As the docs mention, elements are just descriptions of what you want to see on the screen. React compares elements and creates/updates/destroys instances based on how the elements change. This is described here and then here in more detail. Did you not find it helpful?

Ideally you should also preserve an existing ref, if it exists.

Noted. Thanks!

As the docs mention, elements are just descriptions of what you want to see on the screen. React compares elements and creates/updates/destroys instances based on how the elements change. This is described here and then here in more detail. Did you not find it helpful?

@gaearon It's not the element vs. component instance part that confused me (albeit the difference is really only mentioned once in the docs in the "Note" on Rendering Elements), but rather that the children data structure isn't really ever clearly described (pun on opaque data structure unintended). For instance, here, the docs barely mentioned what children specifically contains. Further, in the section on refs, the docs use the term "child" and "children" while stating "[The child] could be an instance of a React component, or it could be a DOM element". I'd say this grants an incorrect understanding that this.props.children should contain both elements and component instances by use of the term "child".
I think the confusing usage of the words "child" and "children" necessitate an explicit mention that refs and children are different. The ref section is probably the first place a clarification could be made on the ref side, but on the children side, I'm not sure exactly where the difference could be stated.

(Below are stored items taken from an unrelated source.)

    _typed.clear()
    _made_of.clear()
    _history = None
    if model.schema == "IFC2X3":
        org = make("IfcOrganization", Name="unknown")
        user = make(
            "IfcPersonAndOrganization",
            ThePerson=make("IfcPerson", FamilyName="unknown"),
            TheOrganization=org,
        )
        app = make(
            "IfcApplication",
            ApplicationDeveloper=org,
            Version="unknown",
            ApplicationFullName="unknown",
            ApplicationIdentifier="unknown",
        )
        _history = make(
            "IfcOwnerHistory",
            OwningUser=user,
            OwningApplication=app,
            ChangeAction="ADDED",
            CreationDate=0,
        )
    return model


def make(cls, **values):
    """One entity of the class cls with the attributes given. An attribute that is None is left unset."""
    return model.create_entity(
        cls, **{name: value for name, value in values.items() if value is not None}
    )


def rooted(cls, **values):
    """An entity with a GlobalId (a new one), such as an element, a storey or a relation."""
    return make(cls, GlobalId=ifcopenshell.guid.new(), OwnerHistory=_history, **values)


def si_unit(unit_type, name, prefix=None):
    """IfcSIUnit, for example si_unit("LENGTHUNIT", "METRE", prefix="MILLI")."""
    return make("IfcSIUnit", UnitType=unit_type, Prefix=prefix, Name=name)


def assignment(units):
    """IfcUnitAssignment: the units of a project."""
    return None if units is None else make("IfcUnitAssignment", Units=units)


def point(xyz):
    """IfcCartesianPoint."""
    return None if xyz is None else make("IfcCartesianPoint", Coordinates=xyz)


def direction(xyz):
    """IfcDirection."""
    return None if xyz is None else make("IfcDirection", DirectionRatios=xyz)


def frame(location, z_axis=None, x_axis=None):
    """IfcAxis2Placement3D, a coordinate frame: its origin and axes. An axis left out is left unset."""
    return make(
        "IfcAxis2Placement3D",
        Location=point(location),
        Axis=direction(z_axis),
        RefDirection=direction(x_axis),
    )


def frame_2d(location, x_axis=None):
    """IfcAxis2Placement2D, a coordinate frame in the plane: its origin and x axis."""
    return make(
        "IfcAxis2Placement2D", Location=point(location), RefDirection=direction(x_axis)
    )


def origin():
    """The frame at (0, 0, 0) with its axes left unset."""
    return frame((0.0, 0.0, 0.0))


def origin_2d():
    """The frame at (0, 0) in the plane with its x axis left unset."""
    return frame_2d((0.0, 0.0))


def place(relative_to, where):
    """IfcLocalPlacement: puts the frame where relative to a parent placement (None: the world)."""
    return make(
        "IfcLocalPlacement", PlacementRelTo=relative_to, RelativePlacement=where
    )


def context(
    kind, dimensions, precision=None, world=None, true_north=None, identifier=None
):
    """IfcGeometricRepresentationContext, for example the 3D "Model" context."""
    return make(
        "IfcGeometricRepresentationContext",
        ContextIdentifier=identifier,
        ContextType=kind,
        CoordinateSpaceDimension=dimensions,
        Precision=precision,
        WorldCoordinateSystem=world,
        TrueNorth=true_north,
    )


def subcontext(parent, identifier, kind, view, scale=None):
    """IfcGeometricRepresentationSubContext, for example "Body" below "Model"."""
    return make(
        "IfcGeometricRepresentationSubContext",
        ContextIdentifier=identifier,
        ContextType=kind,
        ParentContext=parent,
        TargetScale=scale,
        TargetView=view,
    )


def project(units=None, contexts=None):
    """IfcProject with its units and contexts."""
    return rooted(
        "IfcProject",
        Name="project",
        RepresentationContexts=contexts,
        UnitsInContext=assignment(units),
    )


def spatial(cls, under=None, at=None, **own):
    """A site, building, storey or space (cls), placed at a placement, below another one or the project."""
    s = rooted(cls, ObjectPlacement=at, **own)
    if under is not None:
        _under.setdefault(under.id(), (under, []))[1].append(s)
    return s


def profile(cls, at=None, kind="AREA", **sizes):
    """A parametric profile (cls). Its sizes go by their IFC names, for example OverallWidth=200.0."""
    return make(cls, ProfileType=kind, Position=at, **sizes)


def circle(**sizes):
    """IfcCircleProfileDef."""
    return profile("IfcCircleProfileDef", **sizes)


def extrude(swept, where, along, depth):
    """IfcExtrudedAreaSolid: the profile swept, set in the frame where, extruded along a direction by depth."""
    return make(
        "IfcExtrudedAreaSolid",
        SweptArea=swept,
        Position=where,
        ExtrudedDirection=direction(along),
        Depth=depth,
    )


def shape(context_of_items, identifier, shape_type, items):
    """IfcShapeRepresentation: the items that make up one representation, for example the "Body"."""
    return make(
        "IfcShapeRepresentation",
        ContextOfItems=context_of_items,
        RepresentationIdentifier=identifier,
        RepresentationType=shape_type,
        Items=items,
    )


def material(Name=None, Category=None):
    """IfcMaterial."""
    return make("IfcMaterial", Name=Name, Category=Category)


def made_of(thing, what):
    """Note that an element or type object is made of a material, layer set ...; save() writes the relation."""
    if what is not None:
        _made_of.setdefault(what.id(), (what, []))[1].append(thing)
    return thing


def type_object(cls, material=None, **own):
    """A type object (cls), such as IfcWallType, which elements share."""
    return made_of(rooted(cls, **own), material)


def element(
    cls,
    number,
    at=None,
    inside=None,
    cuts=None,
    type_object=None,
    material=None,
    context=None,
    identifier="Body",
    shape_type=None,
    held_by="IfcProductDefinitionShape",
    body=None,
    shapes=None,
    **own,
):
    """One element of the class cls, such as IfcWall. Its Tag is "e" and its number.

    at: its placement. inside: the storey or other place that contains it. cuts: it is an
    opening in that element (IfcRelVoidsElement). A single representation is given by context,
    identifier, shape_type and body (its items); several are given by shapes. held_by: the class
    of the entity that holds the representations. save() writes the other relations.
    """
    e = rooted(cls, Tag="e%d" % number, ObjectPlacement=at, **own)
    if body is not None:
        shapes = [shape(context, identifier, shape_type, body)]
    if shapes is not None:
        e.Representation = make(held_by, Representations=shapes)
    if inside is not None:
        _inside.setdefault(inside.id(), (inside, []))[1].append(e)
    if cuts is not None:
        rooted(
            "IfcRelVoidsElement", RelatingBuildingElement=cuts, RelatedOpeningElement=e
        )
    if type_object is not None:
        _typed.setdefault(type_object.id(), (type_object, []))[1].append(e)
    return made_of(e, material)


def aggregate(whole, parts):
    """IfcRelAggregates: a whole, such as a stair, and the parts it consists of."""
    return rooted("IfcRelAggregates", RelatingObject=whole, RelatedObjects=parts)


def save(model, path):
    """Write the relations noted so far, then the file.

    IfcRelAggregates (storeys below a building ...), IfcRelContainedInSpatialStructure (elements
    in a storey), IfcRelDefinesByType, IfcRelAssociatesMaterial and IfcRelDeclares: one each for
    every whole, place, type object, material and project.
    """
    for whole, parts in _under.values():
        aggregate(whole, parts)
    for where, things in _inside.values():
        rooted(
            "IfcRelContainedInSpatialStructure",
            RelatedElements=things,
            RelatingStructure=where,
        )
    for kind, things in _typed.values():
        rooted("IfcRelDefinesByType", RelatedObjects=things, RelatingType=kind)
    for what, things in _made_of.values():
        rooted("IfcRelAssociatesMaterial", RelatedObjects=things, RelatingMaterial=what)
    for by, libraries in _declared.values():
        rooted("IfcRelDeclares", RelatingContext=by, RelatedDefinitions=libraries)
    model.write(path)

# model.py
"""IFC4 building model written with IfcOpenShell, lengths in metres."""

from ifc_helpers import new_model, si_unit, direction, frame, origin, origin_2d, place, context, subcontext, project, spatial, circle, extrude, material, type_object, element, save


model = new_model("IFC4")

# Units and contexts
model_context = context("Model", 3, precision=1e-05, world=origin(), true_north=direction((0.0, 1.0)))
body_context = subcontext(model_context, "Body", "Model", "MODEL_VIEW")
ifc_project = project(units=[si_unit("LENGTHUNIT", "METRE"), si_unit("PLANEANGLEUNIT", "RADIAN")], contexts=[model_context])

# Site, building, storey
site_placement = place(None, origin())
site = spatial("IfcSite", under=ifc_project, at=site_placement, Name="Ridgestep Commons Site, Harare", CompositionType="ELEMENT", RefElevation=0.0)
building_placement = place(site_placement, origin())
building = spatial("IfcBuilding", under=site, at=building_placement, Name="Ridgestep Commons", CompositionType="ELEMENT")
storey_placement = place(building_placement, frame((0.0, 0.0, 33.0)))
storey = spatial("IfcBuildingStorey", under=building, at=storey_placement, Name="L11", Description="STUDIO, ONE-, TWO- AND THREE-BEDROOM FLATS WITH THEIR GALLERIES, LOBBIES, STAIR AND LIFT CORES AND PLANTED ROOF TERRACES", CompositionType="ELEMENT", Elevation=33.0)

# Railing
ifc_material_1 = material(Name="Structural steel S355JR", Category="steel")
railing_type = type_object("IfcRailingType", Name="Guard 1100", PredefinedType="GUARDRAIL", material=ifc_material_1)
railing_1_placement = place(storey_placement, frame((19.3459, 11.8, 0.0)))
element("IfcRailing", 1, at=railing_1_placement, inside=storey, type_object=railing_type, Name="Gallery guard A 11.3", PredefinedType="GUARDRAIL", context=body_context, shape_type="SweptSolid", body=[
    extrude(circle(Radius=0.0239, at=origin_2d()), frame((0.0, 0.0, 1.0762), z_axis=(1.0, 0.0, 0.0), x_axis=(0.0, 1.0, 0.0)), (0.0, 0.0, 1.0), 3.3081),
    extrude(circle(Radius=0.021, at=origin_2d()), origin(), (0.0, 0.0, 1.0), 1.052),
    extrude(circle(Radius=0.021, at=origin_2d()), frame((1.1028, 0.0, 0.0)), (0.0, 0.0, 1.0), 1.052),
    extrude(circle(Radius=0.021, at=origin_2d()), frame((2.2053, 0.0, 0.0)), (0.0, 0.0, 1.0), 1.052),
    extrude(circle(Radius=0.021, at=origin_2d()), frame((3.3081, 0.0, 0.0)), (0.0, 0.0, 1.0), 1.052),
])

Side note: I've been using React for ~3 years now, and while I follow the changes closely, every now and then I look at the docs and see that there's multiple differences. The docs are always improving but existing users may not notice when a clarification has been made (e.g. the "Note" referenced above), even though those clarifications may improve their understanding of certain concepts. Perhaps it would be a good idea to have a section to summarize docs changes in the release notes as well?

but rather that the children data structure isn't really ever clearly described (pun on opaque data structure unintended)

I think elements are described here. Do you have thoughts on where we need to add links to that section?

For instance, here, the docs barely mentioned what children specifically contains.

Perhaps we should link to this section from there. Want to send a PR?

Further, in the section on refs, the docs use the term "child" and "children" while stating "[The child] could be an instance of a React component, or it could be a DOM element". I'd say this grants an incorrect understanding that this.props.children should contain both elements and component instances by use of the term "child".

I agree, but can you suggest a better way of phrasing there? It’s a bit tough because “child” means a relationship between components, not an element or instance specifically. Otherwise it’s hard for docs to sound natural. But I’m open to suggestions.